Μπερδεμένη παραμένει η ιστορία μέχρι τέλους και η αφήγηση ανεβάζει ρυθμούς όσο πλησιάζουμε προς αυτό, εγώ τουλάχιστον γυρναγα τις σελίδες μανιωδώς και με μεγάλη αγωνία. Έμεινα με κάποιες απορίες αλλά δεν με πείραξε καθόλου, μου άρεσε πολύ το βιβλίο.
Profile Image for Theo Austin-Evans.
144 reviews96 followers
December 27, 2023
Quite the perfect Christmas read, Peace’s filthy goddamn Yorkshire horror story is fucking fantastic. It’s a real accomplishment when you can return from the adapted material, Channel 4’s excellent three-part series of TV films, to the source material and get a serious kick out of it without going ‘Oh I know where this is all going, so what’s the bloody point?’

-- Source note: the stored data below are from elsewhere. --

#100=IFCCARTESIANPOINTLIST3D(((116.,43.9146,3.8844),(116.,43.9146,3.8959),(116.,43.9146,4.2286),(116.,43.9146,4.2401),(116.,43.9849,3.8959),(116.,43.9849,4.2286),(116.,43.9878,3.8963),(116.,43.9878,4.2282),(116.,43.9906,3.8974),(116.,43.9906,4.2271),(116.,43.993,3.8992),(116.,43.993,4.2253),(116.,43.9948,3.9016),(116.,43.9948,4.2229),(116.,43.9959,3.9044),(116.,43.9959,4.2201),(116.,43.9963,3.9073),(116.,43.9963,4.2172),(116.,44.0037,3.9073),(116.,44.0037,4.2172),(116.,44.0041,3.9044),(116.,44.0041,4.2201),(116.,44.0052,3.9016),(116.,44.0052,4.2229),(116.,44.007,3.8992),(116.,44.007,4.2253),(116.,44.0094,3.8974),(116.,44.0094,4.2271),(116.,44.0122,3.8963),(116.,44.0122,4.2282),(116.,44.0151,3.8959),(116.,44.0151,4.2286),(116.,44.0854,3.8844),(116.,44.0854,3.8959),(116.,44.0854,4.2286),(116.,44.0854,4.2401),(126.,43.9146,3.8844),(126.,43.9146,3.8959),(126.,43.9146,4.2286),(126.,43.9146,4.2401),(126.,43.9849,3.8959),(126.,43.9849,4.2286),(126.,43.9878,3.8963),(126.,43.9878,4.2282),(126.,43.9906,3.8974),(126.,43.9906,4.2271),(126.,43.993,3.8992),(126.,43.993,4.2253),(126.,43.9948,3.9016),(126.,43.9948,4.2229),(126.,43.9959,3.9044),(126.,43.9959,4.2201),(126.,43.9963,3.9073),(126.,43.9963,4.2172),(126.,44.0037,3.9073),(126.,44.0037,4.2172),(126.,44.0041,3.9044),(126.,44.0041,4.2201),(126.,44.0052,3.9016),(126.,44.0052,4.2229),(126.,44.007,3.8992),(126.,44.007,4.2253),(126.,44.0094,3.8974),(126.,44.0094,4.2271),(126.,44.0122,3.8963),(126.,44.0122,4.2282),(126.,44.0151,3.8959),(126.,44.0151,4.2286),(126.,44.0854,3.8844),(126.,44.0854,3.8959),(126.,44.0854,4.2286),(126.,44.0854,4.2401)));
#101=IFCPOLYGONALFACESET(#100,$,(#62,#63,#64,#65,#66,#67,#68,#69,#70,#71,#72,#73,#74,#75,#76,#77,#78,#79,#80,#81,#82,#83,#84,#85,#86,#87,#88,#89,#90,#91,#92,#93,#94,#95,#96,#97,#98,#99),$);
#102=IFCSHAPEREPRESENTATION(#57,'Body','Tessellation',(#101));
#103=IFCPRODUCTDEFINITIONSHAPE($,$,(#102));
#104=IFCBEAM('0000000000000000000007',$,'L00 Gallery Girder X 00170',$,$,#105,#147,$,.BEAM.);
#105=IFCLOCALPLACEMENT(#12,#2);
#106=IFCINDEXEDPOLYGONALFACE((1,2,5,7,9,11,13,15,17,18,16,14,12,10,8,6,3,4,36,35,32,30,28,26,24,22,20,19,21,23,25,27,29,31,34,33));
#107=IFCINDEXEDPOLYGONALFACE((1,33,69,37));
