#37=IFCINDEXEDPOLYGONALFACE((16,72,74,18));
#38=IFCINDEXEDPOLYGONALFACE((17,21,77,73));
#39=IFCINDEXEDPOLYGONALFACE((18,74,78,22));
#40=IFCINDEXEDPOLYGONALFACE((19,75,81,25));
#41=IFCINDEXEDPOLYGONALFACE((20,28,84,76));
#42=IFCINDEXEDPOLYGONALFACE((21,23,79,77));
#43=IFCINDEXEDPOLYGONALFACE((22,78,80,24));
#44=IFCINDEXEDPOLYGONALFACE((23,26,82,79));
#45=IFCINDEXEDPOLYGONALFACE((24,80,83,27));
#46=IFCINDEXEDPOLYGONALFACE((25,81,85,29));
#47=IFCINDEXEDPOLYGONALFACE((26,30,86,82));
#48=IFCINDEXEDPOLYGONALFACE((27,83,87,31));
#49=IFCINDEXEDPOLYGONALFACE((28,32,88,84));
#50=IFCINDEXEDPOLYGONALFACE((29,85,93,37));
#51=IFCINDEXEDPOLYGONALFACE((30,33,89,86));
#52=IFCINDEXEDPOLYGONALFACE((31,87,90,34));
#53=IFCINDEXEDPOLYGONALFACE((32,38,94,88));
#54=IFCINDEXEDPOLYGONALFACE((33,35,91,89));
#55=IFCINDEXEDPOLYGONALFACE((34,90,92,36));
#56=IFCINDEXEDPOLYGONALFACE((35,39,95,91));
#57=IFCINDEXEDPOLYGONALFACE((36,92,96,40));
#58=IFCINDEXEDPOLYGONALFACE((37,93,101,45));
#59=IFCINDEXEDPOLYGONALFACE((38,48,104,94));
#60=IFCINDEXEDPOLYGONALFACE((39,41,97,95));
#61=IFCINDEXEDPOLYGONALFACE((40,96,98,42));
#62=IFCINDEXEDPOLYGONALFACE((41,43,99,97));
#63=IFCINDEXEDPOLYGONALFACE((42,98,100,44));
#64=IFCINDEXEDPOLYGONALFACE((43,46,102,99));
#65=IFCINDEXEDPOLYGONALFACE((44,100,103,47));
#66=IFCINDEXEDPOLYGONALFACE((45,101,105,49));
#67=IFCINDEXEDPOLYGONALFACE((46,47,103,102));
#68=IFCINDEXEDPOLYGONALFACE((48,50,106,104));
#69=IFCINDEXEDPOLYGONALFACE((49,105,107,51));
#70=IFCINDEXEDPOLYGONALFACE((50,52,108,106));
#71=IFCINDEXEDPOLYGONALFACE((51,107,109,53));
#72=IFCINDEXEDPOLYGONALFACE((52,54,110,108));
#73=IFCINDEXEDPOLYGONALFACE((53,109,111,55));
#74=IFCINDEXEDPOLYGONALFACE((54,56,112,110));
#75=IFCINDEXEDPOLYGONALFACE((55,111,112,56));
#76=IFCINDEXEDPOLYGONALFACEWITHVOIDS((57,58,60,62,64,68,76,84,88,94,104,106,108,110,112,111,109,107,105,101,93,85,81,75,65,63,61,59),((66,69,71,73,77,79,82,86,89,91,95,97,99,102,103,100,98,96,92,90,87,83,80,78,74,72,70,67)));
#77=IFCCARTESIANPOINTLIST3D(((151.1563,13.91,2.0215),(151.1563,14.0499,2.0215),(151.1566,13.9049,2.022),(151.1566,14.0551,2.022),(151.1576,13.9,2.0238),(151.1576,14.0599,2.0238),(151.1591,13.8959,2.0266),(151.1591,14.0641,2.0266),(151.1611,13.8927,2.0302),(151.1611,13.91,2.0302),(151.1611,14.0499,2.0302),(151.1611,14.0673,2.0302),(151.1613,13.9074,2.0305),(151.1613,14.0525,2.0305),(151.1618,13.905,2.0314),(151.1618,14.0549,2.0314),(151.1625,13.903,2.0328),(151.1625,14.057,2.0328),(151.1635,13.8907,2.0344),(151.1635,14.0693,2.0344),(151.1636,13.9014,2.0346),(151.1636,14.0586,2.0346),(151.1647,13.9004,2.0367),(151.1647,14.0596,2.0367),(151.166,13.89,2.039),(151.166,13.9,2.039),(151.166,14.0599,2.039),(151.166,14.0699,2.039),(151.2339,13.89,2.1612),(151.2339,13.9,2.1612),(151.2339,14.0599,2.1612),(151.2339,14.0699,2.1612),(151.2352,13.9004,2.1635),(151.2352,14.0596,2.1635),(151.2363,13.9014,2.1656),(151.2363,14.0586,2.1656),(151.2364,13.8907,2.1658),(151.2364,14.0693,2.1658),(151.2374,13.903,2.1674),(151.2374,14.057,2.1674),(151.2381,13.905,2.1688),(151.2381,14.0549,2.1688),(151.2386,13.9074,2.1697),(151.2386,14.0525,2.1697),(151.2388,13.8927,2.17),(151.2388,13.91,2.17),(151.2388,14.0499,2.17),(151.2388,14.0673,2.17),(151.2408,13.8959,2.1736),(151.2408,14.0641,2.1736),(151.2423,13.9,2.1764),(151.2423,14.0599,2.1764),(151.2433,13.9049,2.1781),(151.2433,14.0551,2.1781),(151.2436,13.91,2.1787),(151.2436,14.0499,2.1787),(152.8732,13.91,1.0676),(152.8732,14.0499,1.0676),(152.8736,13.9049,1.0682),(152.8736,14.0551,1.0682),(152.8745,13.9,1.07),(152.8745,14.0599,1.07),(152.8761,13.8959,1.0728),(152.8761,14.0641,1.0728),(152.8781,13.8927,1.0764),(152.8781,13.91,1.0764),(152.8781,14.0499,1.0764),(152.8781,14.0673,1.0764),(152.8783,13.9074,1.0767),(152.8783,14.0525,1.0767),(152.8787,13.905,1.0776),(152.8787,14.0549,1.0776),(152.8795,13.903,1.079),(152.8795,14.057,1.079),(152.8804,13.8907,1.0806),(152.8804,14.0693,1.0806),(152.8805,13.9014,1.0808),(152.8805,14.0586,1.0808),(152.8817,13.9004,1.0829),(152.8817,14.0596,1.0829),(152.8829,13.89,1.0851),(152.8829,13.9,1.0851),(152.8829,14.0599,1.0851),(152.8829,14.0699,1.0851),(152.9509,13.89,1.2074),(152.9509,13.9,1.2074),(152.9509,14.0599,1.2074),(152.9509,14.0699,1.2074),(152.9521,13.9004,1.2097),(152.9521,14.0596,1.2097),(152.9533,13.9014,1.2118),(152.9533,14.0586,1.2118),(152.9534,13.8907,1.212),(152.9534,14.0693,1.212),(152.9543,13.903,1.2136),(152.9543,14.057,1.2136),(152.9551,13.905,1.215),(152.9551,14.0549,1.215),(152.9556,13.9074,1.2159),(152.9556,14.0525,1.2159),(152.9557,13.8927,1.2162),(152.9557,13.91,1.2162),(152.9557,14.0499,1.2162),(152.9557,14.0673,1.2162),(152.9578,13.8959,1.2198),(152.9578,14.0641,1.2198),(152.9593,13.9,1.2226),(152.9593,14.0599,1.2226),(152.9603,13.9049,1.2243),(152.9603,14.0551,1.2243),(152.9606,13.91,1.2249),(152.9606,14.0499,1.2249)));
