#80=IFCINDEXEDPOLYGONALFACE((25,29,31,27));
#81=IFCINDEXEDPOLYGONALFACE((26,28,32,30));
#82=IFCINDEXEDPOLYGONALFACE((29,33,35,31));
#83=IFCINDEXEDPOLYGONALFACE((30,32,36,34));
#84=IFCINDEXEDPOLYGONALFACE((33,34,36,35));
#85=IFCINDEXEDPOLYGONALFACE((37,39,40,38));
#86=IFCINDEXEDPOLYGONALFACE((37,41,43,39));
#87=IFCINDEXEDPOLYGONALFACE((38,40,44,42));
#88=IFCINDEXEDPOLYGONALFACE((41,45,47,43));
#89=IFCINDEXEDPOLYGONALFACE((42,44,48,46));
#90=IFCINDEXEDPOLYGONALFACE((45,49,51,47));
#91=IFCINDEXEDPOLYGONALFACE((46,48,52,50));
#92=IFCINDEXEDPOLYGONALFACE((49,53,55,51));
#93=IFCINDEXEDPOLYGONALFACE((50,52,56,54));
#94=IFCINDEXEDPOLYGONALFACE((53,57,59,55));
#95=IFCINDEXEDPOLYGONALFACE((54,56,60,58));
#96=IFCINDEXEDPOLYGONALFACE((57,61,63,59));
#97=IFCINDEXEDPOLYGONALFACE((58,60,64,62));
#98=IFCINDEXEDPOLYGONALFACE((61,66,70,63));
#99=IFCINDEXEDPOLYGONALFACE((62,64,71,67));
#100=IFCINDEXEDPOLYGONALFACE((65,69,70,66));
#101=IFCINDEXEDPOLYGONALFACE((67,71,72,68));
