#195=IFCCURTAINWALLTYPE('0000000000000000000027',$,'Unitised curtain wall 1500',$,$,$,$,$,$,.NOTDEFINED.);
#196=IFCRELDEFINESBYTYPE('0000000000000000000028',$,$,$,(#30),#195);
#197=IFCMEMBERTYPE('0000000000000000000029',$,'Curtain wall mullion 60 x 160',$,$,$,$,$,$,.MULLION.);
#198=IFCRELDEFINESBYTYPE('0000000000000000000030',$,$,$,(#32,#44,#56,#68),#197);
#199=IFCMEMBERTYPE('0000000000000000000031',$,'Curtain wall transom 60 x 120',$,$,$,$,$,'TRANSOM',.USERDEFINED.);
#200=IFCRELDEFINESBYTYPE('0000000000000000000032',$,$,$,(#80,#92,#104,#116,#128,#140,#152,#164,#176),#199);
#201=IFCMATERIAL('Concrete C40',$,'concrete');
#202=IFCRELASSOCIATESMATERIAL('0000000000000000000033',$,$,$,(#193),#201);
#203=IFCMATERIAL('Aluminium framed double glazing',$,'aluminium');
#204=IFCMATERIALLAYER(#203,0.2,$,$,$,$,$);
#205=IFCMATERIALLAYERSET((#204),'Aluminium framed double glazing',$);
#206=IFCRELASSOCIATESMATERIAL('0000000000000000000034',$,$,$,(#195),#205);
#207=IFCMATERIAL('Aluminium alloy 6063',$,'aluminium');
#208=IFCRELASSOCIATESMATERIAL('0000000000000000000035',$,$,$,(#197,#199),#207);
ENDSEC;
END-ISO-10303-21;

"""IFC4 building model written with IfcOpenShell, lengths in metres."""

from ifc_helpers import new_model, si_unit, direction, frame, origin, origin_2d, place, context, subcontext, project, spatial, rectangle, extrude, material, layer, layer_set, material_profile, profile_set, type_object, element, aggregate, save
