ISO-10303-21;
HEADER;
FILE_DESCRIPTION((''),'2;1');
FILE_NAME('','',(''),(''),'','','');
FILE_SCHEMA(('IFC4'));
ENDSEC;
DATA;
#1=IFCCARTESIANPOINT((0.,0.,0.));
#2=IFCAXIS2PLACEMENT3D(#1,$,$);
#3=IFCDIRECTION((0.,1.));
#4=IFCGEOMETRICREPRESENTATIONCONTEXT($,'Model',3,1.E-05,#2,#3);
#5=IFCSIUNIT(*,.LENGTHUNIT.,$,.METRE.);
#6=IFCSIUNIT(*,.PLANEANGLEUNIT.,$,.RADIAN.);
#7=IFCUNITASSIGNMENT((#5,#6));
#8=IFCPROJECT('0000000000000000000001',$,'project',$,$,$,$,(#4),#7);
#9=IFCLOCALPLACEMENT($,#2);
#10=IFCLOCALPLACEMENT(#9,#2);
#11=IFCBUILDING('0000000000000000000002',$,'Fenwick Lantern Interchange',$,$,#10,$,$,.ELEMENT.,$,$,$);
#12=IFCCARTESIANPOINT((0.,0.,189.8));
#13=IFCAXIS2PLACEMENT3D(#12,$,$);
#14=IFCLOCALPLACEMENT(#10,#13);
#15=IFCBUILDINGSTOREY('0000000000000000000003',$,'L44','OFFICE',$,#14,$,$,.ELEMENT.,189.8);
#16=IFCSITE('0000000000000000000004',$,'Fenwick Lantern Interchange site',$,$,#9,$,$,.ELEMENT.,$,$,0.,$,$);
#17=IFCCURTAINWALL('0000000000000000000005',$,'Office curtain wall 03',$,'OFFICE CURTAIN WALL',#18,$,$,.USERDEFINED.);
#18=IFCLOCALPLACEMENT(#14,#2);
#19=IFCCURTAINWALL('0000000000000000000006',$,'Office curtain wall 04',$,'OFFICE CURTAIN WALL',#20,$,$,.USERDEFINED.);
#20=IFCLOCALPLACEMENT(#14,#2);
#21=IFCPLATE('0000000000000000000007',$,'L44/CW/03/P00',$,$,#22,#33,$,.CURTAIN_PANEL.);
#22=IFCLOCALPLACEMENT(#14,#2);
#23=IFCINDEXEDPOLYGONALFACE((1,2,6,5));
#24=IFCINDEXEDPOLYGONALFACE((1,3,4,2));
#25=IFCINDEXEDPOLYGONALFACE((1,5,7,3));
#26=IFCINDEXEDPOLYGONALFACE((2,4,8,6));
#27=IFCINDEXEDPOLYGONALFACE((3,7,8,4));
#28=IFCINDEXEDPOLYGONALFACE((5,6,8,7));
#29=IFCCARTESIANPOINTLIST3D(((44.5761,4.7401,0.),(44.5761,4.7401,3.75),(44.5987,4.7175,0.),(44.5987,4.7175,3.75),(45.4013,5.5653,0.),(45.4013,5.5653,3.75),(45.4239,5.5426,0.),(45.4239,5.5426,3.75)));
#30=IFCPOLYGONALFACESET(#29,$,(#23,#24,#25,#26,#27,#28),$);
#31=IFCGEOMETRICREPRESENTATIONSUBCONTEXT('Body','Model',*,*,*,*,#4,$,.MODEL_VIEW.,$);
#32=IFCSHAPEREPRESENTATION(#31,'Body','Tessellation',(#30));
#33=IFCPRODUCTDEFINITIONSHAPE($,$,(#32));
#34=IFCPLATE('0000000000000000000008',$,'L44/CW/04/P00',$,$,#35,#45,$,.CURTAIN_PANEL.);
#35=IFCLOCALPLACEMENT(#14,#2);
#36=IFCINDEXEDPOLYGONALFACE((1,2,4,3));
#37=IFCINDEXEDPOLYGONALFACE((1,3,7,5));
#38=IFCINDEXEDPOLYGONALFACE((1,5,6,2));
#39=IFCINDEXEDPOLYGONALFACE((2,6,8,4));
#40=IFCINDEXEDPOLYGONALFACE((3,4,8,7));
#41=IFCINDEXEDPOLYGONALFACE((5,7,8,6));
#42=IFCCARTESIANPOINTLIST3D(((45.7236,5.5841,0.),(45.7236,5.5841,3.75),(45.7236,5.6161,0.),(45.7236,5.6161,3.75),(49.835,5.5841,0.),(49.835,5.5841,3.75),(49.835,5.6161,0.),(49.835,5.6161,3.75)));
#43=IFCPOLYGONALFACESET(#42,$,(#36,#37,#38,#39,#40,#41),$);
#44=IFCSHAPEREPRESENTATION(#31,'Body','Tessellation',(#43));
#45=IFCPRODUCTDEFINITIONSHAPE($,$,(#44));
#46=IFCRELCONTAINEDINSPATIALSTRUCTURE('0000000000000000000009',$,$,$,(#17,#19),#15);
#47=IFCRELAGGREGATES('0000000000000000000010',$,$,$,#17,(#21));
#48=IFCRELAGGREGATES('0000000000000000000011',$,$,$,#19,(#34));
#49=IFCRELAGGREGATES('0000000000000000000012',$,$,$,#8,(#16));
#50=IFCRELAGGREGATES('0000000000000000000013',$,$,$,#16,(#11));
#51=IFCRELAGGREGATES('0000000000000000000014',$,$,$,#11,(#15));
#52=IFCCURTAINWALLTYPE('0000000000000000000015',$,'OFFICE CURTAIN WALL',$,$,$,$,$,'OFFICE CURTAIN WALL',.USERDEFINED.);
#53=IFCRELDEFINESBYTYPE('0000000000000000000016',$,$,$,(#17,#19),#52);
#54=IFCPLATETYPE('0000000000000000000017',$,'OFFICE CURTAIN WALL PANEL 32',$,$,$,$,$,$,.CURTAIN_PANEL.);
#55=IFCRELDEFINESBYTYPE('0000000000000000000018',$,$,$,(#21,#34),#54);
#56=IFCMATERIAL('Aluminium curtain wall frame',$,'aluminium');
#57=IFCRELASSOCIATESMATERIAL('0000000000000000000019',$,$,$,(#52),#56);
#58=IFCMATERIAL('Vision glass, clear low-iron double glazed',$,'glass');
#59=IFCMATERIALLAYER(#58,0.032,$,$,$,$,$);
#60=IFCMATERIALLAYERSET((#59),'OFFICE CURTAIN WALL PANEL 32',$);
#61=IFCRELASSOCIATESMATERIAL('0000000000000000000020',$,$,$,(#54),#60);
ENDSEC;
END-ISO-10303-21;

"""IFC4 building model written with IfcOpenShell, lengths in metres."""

from ifc_helpers import new_model, si_unit, direction, frame, origin, origin_2d, place, context, subcontext, project, spatial, rectangle, extrude, material, layer, layer_set, type_object, element, aggregate, save


model = new_model("IFC4")

# Units and contexts
model_context = context("Model", 3, precision=1e-05, world=origin(), true_north=direction((0.0, 1.0)))
body_context = subcontext(model_context, "Body", "Model", "MODEL_VIEW")
ifc_project = project(units=[si_unit("LENGTHUNIT", "METRE"), si_unit("PLANEANGLEUNIT", "RADIAN")], contexts=[model_context])

# Site, building, storey
site_placement = place(None, origin())
site = spatial("IfcSite", under=ifc_project, at=site_placement, Name="Fenwick Lantern Interchange site", CompositionType="ELEMENT", RefElevation=0.0)
building_placement = place(site_placement, origin())
building = spatial("IfcBuilding", under=site, at=building_placement, Name="Fenwick Lantern Interchange", CompositionType="ELEMENT")
storey_placement = place(building_placement, frame((0.0, 0.0, 189.8)))
storey = spatial("IfcBuildingStorey", under=building, at=storey_placement, Name="L44", Description="OFFICE", CompositionType="ELEMENT", Elevation=189.8)

# Shared definitions
ifc_material_1 = material(Name="Aluminium curtain wall frame", Category="aluminium")
curtain_wall_type = type_object("IfcCurtainWallType", Name="OFFICE CURTAIN WALL", ElementType="OFFICE CURTAIN WALL", PredefinedType="USERDEFINED", material=ifc_material_1)

# Curtain walls
curtain_wall_1_placement = place(storey_placement, origin())
curtain_wall_1 = element("IfcCurtainWall", 1, at=curtain_wall_1_placement, inside=storey, type_object=curtain_wall_type, Name="Office curtain wall 03", ObjectType="OFFICE CURTAIN WALL", PredefinedType="USERDEFINED")
curtain_wall_2_placement = place(storey_placement, origin())
curtain_wall_2 = element("IfcCurtainWall", 2, at=curtain_wall_2_placement, inside=storey, type_object=curtain_wall_type, Name="Office curtain wall 04", ObjectType="OFFICE CURTAIN WALL", PredefinedType="USERDEFINED")

# Plates
ifc_material_2 = material(Name="Vision glass, clear low-iron double glazed", Category="glass")
ifc_layer_1 = layer(ifc_material_2, 0.032)
ifc_layer_set_1 = layer_set([ifc_layer_1], Name="OFFICE CURTAIN WALL PANEL 32")
plate_type = type_object("IfcPlateType", Name="OFFICE CURTAIN WALL PANEL 32", PredefinedType="CURTAIN_PANEL", material=ifc_layer_set_1)
plate_1_placement = place(storey_placement, frame((45.0, 5.1414, 0.0), z_axis=(0.0, 0.0, 1.0), x_axis=(0.707107, 0.707107, 0.0)))
plate_1 = element("IfcPlate", 3, at=plate_1_placement, type_object=plate_type, Name="L44/CW/03/P00", PredefinedType="CURTAIN_PANEL", context=body_context, shape_type="SweptSolid", body=[
    extrude(rectangle(XDim=1.167, YDim=0.032, at=origin_2d()), origin(), (0.0, 0.0, 1.0), 3.75),
])
aggregate(curtain_wall_1, [plate_1])
plate_2_placement = place(storey_placement, frame((47.7793, 5.6001, 0.0), z_axis=(0.0, 0.0, 1.0), x_axis=(1.0, 0.0, 0.0)))
plate_2 = element("IfcPlate", 4, at=plate_2_placement, type_object=plate_type, Name="L44/CW/04/P00", PredefinedType="CURTAIN_PANEL", context=body_context, shape_type="SweptSolid", body=[
    extrude(rectangle(XDim=4.1113, YDim=0.032, at=origin_2d()), origin(), (0.0, 0.0, 1.0), 3.75),
])
aggregate(curtain_wall_2, [plate_2])

save(model, "model.ifc")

Peace’s prose is crystal clear, grimy, yet absolutely ideal for the yarn he spins here - a journalistic style primed to adequately elucidate the plight of his protagonist. You crack open a page of Nineteen Seventeen Four and bile practically seeps out of the page, coagulated blood makes the book so sickly and sticky you can barely pry the thing open. It’s pitch perfect nausea, absolutely unrelenting. I mean this thing is pegged as Yorkshire noir, but calling it noir isn’t a sufficient enough term for the blackness found here.

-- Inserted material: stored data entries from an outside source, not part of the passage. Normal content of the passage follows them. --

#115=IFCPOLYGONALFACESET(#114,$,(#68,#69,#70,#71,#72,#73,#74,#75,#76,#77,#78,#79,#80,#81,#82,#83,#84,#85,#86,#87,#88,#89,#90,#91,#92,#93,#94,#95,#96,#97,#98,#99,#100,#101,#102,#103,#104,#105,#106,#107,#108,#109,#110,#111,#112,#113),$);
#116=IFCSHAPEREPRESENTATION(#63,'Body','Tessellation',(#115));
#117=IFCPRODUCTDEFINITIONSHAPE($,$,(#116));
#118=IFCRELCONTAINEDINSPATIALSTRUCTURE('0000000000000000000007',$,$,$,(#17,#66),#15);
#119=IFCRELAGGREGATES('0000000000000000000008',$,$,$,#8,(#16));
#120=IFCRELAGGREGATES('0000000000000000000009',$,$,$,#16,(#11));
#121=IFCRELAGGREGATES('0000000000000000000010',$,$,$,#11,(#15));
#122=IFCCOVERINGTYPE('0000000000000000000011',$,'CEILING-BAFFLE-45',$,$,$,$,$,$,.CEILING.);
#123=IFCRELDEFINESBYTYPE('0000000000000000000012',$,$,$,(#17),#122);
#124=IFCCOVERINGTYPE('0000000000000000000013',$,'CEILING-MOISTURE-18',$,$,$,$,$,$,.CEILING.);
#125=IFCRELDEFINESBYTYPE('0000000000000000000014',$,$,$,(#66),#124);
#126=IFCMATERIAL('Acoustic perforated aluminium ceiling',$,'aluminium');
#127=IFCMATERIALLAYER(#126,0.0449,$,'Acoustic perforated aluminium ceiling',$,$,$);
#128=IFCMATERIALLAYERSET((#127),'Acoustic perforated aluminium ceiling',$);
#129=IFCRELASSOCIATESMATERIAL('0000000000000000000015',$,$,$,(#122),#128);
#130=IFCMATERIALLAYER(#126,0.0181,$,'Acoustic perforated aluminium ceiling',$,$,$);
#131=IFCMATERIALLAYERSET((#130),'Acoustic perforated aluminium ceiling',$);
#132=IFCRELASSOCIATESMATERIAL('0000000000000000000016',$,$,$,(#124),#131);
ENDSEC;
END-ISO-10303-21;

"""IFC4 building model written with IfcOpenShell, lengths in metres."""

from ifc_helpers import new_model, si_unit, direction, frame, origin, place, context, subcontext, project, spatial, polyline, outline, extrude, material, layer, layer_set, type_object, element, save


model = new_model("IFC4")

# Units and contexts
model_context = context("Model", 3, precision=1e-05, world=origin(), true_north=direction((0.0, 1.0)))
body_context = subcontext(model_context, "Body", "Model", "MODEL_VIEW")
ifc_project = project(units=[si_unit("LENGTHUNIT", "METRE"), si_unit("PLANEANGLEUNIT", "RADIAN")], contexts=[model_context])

Nineteen Seventeen Four swings like a pendulum between God and his angels and the abject horror of a dead young girl’s leering smile as it emerges from black and white school photos, and the momentum of this thematic swing, this contradiction between the graceful and omnibenevolent movement of a swan to the utterly pitch black corruption of all and sundry creates a giddy sickness and delirium within the (un)fortunate reader. Dreams bubble forth into the narrative, collapsing frameworks of reference, an endless vista of grey nothingness illuminating the entire tragedy.

Mark Fisher’s characterisation of the novels (I’m only at the first so fingers crossed Peace’s own writerly momentum carries through, both thematically and when it comes to being bloody interesting) as Manichaean/Gnostic is spot on. His chapter dedicated to it in Ghosts of my Life is certainly worth a flick through for those interested.

But yeah, fan-fucking-tastic. I devoured this sucker (like our good ol’ character BJ) and will quickly get through the rest. As I bothered doing a review I’ll give the same old music recs to play alongside, even though the book has a sickly discography of its own consisting of Elton John and Bryan Ferry and all that lot if you’re a die hard when it comes to getting the actual diegetic atmosphere.

- Penderecki, Sacred Choral Works
- Branca, The World Upside Down
- Branca, Symphony No.5
- Porter Ricks, Porter Ricks
- Akira Rabelais, Spellewauerynsherde
Profile Image for Natalia Luna.
365 reviews195 followers
June 6, 2020
Decepción. Un batiburrillo de ideas y poca chicha.
Profile Image for Ben Loory.
Author 4 books728 followers
October 8, 2010
this world is hell and we're all gonna die, but there's a slight possibility you might be able to do something good before the end, not that it would matter in any way, shape, or form, to anybody, because we're all demons.

it's not a bad book; peace writes good sentences, but i couldn't tell any of the characters apart and got tired of everybody farting all the time and getting pissed and shat on every ten seconds. no one in this world can ever enjoy anything; if someone by some miracle happened to find a cupcake somewhere and bit into it, it would turn out that it would be made of THE GROUND-UP BONES OF CHILDREN and it would BRUISE THEIR LIPS AND TONGUE A SICKLY PURPLE YELLOW a moment before THEY VOMITED INTO THE PISS-AND-SHIT-FILLED BOWL and PASSED OUT AND DREAMT OF BEING FUCKED IN THE ASS.